Exponential mixing of frame flows for three dimensional manifolds of quarter-pinched negative curvature

TL;DR

This paper proves exponential mixing of the frame flow on certain negatively curved 3D manifolds, extending to torus extensions of Anosov flows, using a Young tower model and Dolgopyat estimates.

Contribution

It establishes exponential mixing for frame flows on 3D quarter-pinched negatively curved manifolds and extends results to specific torus extensions of Anosov flows.

Findings

Exponential mixing of frame flow on the specified manifolds.

Extension of mixing results to certain torus extensions of Anosov flows.
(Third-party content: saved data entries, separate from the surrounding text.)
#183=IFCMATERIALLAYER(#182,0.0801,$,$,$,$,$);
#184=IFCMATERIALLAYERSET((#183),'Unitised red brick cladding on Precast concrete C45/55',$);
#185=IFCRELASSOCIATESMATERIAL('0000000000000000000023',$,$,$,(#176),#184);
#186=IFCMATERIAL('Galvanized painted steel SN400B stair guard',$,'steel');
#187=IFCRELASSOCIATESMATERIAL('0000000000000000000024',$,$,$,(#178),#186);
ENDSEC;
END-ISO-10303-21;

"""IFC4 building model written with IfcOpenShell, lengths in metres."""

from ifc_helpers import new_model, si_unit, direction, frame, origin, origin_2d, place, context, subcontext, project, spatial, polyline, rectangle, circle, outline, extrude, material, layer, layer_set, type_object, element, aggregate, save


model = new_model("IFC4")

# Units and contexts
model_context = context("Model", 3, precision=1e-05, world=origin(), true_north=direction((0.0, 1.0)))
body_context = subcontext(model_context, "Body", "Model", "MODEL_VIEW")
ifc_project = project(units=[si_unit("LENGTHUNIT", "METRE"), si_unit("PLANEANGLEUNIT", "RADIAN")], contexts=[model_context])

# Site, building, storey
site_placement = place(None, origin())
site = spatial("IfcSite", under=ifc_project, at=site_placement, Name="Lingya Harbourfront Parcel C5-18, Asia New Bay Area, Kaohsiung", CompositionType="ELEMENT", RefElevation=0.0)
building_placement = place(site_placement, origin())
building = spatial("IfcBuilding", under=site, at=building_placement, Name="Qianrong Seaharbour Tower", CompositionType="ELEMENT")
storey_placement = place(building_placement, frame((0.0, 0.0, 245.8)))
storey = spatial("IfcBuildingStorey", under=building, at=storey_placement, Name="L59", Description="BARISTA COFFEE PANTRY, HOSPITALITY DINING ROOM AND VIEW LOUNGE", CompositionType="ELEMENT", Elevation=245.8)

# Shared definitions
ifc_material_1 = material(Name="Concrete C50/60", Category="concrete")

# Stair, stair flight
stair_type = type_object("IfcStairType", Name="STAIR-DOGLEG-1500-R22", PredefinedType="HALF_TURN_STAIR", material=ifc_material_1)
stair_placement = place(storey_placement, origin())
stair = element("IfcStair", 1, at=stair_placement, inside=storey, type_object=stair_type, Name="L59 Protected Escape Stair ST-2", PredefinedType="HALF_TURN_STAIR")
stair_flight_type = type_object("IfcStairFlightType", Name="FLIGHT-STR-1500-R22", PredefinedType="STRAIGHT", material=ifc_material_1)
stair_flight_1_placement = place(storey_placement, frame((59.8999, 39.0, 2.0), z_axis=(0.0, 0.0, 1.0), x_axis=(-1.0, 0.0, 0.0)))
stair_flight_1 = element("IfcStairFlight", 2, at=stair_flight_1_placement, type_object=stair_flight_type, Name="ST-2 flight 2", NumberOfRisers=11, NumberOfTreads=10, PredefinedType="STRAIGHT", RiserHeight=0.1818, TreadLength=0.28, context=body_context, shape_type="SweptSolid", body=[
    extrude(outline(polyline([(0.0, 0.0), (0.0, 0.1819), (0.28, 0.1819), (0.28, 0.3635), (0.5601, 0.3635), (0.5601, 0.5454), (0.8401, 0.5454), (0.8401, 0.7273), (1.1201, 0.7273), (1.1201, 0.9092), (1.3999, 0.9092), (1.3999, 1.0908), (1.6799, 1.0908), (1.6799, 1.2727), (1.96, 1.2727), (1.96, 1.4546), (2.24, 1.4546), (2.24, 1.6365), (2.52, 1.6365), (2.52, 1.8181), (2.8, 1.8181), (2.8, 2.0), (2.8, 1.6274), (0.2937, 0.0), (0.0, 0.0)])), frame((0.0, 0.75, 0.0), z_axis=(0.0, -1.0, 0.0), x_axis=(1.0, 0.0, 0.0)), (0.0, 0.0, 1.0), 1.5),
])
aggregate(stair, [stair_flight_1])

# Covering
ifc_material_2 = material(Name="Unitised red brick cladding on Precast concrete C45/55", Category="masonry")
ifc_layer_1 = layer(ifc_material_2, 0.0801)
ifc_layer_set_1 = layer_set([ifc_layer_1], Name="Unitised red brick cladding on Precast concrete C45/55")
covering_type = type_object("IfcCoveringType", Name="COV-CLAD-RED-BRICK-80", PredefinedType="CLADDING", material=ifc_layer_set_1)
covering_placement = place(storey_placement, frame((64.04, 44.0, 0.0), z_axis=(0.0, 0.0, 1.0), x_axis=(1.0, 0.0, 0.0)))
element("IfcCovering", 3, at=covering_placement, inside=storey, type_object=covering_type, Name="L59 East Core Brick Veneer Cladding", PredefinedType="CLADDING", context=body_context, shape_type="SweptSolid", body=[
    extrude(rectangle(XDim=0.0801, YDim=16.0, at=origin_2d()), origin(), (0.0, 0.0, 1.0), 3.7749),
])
Application of Young tower models and Dolgopyat estimates to prove mixing.

Abstract

For a compact three-dimensional smooth Riemannian manifold of strictly 1/4-pinched negative sectional curvature, we establish exponential mixing of the frame flow with respect to the normalized volume. More generally this result extends to a class of torus extensions of Anosov flows, subject to assumptions on the Brin transitivity group and the smoothness of the stable subbundle. Our approach is based on a simplified dynamical model for studying the extension flow, constructed via a Young tower of the underlying Anosov flow. Exponential mixing is then obtained through a strengthened Dolgopyat type estimate on the corresponding transfer operators.